Any datalad run command can be re-executed by using its commit shasum as an argument
in datalad rerun CHECKSUM. DataLad will take information from the run record of the original
commit, and re-execute it. If no changes happen with a rerun, the command will not be written
to history. Note: you can also rerun a datalad rerun command!

You should specify all files that a command takes as input with an -i/--input flag. These
files will be retrieved prior to the command execution. Any content that is modified or
produced by the command should be specified with an -o/--output flag. Upon a run or rerun
of the command, the contents of these files will get unlocked so that they can be modified.

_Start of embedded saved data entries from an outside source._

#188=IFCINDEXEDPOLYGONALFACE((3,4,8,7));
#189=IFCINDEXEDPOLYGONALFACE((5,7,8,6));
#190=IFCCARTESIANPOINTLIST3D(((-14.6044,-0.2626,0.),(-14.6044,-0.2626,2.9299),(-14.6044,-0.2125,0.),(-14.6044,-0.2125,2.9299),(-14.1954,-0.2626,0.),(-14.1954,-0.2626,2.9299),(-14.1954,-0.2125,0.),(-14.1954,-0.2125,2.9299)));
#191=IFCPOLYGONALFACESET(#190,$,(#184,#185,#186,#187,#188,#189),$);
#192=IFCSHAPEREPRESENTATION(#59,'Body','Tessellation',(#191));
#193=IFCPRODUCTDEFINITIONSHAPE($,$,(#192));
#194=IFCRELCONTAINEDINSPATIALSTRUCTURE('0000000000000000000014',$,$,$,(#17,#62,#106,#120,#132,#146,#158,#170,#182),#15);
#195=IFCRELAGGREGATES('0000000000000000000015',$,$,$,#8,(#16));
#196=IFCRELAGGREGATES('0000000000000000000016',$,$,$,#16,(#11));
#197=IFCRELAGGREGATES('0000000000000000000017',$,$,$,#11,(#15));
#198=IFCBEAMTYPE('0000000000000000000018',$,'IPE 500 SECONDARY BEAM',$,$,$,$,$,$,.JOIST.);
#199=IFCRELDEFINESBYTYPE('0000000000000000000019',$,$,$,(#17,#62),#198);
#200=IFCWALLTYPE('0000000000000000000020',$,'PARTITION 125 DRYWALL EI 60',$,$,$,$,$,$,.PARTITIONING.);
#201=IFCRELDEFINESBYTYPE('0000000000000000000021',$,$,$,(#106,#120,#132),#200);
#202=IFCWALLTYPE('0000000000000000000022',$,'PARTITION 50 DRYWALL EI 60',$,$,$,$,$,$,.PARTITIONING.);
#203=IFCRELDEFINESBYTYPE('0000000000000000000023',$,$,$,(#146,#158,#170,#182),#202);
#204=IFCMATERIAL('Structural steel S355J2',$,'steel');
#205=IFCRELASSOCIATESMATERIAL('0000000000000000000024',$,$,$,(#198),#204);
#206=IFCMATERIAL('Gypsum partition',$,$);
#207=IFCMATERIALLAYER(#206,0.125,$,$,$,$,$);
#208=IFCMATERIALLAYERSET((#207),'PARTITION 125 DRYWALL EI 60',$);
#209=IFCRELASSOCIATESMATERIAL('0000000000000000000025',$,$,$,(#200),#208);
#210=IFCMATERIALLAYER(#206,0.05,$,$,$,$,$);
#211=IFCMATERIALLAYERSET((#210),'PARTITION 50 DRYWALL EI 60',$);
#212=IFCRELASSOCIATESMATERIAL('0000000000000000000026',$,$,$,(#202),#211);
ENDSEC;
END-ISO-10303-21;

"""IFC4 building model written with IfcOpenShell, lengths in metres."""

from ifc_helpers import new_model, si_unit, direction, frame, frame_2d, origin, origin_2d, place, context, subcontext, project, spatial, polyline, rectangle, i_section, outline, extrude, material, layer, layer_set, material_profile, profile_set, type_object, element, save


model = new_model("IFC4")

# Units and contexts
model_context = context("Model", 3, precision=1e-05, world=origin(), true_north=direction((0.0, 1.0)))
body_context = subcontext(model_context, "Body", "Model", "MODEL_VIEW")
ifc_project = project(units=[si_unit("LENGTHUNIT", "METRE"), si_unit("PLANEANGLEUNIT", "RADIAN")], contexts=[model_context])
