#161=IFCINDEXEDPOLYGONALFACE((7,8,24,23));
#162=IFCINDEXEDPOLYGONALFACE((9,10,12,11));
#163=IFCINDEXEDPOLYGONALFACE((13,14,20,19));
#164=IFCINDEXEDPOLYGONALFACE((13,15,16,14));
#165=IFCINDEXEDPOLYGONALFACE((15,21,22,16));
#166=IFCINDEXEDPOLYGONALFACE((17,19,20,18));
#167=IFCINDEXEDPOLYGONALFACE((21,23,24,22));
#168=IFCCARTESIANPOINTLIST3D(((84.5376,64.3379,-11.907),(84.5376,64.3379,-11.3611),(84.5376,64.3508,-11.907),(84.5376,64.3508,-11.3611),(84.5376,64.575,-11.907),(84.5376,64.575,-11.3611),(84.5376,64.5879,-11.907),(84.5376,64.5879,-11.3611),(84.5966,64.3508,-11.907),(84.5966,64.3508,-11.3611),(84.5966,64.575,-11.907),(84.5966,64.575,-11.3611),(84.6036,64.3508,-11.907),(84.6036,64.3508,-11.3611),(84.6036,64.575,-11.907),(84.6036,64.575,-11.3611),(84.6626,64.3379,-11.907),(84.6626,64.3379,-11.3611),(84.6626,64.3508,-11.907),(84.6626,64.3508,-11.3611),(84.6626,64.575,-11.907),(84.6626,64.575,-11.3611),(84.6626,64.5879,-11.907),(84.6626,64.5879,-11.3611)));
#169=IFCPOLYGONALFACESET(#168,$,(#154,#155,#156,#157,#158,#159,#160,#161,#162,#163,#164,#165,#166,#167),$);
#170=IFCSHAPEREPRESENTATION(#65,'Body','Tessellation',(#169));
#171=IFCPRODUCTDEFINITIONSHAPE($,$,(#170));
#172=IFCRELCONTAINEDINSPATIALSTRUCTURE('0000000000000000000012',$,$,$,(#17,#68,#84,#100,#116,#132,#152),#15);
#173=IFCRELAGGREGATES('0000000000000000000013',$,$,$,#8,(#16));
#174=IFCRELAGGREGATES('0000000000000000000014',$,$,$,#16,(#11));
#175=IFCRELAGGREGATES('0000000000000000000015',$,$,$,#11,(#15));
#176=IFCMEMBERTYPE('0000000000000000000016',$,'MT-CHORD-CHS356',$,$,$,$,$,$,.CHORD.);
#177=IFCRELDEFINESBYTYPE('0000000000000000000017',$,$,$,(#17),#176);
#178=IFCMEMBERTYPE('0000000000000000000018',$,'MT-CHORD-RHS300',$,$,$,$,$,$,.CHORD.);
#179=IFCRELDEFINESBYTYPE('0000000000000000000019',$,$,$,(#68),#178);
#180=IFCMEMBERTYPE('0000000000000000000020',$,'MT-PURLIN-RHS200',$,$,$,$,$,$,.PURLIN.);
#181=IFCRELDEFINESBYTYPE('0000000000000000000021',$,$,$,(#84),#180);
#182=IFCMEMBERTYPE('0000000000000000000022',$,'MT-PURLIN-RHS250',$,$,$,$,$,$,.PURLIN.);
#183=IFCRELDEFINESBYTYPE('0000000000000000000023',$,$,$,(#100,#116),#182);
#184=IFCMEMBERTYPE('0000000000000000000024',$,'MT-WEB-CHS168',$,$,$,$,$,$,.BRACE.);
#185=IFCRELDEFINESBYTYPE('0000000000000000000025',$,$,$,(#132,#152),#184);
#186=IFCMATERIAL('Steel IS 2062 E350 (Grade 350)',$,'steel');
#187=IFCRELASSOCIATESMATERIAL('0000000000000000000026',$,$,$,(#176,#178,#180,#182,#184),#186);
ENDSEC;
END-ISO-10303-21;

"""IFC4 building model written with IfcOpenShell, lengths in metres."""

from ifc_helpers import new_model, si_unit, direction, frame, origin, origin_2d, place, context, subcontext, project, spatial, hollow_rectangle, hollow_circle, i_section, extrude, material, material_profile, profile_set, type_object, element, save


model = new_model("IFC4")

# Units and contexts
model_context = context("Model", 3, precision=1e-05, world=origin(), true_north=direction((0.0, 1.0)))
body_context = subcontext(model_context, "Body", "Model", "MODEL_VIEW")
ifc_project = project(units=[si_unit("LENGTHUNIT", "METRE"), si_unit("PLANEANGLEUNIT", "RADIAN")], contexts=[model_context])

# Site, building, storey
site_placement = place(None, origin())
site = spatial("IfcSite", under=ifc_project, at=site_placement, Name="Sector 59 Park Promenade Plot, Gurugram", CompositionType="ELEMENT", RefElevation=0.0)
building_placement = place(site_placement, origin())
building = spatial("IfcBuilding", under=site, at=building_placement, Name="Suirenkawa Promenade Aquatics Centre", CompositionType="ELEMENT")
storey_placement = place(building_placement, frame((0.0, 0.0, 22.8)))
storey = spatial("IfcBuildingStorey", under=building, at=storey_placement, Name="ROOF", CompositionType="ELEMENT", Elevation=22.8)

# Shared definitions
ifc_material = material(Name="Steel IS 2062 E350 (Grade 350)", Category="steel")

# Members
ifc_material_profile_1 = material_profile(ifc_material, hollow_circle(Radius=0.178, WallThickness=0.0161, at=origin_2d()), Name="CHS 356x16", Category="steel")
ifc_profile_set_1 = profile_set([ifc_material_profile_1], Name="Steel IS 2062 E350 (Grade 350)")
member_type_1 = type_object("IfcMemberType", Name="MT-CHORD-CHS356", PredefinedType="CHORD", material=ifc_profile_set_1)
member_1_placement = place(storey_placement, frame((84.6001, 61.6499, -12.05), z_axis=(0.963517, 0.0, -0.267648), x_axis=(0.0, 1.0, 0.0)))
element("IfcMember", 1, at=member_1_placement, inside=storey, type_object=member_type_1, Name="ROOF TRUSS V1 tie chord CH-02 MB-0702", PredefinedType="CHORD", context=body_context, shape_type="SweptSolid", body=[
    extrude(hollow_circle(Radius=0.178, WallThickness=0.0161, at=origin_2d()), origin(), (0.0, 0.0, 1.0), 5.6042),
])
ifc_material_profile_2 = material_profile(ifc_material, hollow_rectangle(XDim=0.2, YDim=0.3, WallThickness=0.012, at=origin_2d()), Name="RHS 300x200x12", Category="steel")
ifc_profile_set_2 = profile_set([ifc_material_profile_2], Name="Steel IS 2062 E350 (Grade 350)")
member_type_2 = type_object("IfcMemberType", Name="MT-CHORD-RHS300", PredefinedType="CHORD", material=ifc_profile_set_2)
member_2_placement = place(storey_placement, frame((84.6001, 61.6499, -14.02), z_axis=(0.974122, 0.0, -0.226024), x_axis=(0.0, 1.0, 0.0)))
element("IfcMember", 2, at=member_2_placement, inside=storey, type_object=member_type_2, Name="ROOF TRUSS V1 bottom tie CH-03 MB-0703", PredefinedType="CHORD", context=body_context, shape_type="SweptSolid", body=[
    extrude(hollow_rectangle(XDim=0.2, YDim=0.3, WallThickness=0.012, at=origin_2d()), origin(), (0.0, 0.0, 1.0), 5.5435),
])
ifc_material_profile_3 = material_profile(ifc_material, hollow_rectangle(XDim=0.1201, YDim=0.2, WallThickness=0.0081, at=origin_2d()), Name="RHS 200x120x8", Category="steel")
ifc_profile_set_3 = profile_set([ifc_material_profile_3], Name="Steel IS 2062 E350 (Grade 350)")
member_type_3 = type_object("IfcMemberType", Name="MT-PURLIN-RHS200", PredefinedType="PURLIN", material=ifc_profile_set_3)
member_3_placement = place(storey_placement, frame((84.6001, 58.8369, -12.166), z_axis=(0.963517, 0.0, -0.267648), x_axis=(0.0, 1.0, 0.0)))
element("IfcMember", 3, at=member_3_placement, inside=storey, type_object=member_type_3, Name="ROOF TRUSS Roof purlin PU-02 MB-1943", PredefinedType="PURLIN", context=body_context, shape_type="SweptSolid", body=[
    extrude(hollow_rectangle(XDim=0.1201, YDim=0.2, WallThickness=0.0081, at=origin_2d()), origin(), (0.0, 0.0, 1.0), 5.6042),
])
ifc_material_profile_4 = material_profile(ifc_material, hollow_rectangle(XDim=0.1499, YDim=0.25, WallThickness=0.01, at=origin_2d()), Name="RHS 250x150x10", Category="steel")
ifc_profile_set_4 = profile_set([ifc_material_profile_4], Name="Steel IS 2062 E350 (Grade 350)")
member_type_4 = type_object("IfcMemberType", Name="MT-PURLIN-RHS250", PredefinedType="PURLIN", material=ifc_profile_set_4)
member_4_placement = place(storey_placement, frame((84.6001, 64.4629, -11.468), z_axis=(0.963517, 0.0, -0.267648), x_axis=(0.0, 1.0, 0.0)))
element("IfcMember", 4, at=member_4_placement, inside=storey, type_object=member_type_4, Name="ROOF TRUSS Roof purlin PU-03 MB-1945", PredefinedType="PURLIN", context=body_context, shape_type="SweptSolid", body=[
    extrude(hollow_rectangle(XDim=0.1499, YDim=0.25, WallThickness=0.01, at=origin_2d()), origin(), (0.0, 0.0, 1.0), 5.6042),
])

Important! If the dataset is not "clean" (a datalad status output is empty),
datalad run will not work - you will have to save modifications present in your
dataset.
A suboptimal alternative is the --explicit flag,
used to record only those changes done
to the files listed with --output flags.

A source to install a dataset from can also be a path,
for example as in "datalad clone ../DataLad-101".

Just as in creating datasets, you can add a
description on the location of the new dataset clone
with the -D/--description option.

Note that subdatasets will not be installed by default,
but are only registered in the superdataset -- you will
have to do a "datalad get -n PATH/TO/SUBDATASET"
to install the subdataset for file availability meta data.
The -n/--no-data options prevents that file contents are
also downloaded.

Note that a recursive "datalad get" would install all further
registered subdatasets underneath a subdataset, so a safer
way to proceed is to set a decent --recursion-limit:
"datalad get -n -r --recursion-limit 2 <subds>"

The command "git annex whereis PATH" lists the repositories that have
the file content of an annexed file. When using "datalad get" to retrieve
file content, those repositories will be queried.

Wohoo, the contents are here!

Therefore, sharing DataLad datasets by installing them enables you to update the datasets content should the original datasets’ content change – in only a single command. How cool is that?!

Conclude this section by adding a note about updating a dataset to your own DataLad-101 dataset:

# navigate back:
$ cd ../../DataLad-101

# write the note
$ cat << EOT >> notes.txt
To update a shared dataset, run the command "datalad update --merge".
This command will query its origin for changes, and integrate the
changes into the dataset.

EOT
# save the changes

$ datalad save -m "add note about datalad update"
add(ok): notes.txt (file)
save(ok): . (dataset)
action summary:
  add (ok: 1)
  save (ok: 1)

PS: You might wonder whether there is also a sole datalad update command. Yes, there is – if you are a Git-user and know about branches and merging you can read the Note for Git-users below. However, a thorough explanation and demonstration will be in the next section.

Note for Git users

datalad update is the DataLad equivalent of a git fetch, datalad update --merge is the DataLad equivalent of a git pull. Upon a simple datalad update, the remote information is available on a branch separate from the master branch – in most cases this will be remotes/origin/master. You can git checkout this branch or run git diff to explore the changes and identify potential merge conflicts.